While a Blackwell victory would make national news, he would still start the general election behind Ted Strickland, a deficit due in no small part to the ethical problems surrounding outgoing Gov. Bob Taft (R). Blackwell used television ads to link Petro and Taft in the primary and is likely to stay as far from the incumbent as possible in the fall. Nonetheless, Blackwell will not be able to erase the "R" after his name, which could seal his fate among the state's disgruntled voters. The Fix ranked the Ohio governor's race as the second most likely gubernatorial seat to change parties this year in out most recent Friday Line on governors races.
Here's a quick look at the other action in the state today:
*Ohio's 2nd District: Former Rep. Bob McEwen (R) is hoping for an upset over Rep. Jean Schmidt (R) in a rematch of their 2005 special-election clash to replace Rep. Rob Portman, the newly nominated head of the White House budget office. Schmidt took 31 percent of the Republican primary vote, edging out McEwen who received 26 percent.
McEwen argues that he only lost that race because the conservative vote was split among several candidates, a division that allowed Schmidt to sneak through. This time he is the lone challenger to Schmidt and -- in theory -- will unite the conservative base behind him. But beating an incumbent -- even one who has struggled like Schmidt -- is no easy task. McEwen has, however, stayed financially competitive with Schmidt thanks to more than $130,000 in personal donations.
Although Democrat Paul Hackett nearly upset Schmidt in last year's special election, he turned down entreaties from party leaders to run again after deciding to drop from the Senate primary. As a result, the Republican victor today will have little trouble holding the seat in the fall.
*Ohio's 4th District: What started as a cakewalk for state Sen Jim Jordan has turned into a battle royale as free-spending businessman Frank Guglielmi has pulled into a dead-heat with the Republican frontrunner. Guglielmi has poured $1.5 million into his campaign -- a massive total for a House race, and one that has put Jordan, who had raised $672,000 as of April 14, back on his heels. This district, which is being vacated by Rep. MIke Oxley, went for President Bush by 25 points in 2004 and will not be seriously contested in the fall.

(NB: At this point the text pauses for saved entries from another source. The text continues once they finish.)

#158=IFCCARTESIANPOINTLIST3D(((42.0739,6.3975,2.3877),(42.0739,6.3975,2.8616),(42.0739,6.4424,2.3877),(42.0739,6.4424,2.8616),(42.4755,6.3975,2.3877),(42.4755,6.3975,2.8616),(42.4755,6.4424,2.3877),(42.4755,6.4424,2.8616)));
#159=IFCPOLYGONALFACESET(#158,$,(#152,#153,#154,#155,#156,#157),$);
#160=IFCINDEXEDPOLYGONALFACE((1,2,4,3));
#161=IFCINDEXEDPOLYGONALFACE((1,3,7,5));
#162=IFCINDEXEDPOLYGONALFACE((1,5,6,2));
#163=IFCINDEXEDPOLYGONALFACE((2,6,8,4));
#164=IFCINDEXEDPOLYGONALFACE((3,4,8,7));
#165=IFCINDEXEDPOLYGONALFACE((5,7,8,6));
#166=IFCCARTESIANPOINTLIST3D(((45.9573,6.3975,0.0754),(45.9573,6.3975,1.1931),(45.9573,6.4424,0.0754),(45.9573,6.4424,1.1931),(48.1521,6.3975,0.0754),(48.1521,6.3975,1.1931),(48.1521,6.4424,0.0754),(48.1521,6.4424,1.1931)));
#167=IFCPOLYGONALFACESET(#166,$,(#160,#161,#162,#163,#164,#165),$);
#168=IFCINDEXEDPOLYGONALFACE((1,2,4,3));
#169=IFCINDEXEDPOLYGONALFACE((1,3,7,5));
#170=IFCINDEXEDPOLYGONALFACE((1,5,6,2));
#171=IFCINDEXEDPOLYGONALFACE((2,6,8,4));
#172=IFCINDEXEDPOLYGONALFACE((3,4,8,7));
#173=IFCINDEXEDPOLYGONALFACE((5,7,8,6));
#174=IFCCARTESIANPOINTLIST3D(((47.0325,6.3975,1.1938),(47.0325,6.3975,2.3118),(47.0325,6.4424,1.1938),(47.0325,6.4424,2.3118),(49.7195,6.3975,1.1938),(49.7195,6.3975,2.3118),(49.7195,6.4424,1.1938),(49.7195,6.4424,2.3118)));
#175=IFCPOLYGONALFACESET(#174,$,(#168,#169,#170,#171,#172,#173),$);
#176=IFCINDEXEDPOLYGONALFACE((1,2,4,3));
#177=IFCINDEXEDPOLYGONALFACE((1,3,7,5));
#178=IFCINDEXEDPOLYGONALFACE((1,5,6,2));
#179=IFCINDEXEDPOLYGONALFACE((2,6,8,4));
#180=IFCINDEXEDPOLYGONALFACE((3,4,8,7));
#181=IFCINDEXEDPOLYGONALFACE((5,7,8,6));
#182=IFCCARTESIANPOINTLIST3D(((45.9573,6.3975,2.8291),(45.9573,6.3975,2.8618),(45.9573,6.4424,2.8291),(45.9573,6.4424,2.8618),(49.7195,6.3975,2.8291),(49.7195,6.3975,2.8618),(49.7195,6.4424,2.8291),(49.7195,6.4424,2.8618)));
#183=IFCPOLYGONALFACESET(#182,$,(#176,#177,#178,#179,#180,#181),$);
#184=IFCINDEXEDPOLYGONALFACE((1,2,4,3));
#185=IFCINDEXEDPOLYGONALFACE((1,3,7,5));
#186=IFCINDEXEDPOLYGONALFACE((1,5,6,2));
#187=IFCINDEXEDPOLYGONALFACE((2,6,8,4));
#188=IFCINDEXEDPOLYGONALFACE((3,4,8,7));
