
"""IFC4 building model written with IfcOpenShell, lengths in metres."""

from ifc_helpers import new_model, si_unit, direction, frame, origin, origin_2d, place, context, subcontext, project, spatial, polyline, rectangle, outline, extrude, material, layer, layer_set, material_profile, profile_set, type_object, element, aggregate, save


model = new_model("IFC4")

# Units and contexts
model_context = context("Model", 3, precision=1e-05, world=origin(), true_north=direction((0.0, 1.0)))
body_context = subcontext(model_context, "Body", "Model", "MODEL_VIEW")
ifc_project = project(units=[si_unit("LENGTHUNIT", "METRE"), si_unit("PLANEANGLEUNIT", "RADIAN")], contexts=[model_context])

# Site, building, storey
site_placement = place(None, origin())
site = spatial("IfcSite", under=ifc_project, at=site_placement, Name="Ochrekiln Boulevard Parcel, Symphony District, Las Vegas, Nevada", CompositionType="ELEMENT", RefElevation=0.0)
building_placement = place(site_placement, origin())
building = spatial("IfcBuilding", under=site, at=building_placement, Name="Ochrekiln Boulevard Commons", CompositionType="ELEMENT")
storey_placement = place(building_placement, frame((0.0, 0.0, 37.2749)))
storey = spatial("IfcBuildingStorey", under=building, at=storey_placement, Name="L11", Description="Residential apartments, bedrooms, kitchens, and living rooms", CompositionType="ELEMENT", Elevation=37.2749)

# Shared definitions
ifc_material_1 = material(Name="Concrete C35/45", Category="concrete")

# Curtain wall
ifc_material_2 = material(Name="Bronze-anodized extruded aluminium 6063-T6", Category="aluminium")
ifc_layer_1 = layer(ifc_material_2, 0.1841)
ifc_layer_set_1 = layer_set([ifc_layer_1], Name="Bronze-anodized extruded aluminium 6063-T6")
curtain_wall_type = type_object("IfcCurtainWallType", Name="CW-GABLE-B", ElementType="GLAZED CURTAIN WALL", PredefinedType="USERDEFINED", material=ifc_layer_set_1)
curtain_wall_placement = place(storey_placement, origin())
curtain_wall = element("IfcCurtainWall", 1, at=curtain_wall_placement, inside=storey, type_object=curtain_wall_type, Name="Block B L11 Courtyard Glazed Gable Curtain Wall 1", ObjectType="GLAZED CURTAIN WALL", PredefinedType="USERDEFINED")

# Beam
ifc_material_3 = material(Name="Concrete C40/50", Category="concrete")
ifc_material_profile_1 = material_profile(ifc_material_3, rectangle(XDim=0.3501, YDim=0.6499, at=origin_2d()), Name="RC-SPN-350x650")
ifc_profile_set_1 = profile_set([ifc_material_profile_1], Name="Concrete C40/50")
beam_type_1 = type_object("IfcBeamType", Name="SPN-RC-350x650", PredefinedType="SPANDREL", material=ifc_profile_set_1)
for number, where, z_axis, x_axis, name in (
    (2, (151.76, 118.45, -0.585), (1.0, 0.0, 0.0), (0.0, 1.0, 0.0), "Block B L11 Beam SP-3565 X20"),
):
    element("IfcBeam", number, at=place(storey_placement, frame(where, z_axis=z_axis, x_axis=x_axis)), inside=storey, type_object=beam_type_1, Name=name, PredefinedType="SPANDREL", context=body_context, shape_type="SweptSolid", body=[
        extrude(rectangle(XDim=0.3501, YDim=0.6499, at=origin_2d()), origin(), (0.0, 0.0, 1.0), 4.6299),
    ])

*Ohio's 13th District: The Democratic primary to replace Rep. Sherrod Brown -- the party's nominee against Sen. Mike DeWine (R) this fall -- features four legitimate candidates: former Rep. Tom Sawyer, 2004 14th district nominee Capri Cafaro, attorney Betty Sutton and former Cleveland city councilman Gary Kucinich (brother of Rep. Dennis Kucinich of Ohio's 10th District).
Democratic strategists say the race has come down to Sawyer, who held a seat in Congress from 1986 until 2002, and Sutton, who has been bolstered by the strong involvement of EMILY's List. While Sawyer began the race with a considerable name identification edge over Sutton, he has raised just over $50,000 -- a platry sum compared with the $420,000 Sutton has raised. The X-factor is Cafaro, who has donated more than $1 million of her own money to the campaign. Republicans believe that if the controversial Cafaro manages to win the nomination they have a very good chance of taking the seat in the fall, despite the fact that Kerry won there by 12 points in 2004. Lorain Mayor Craig Foltin is the likely Republican nominee.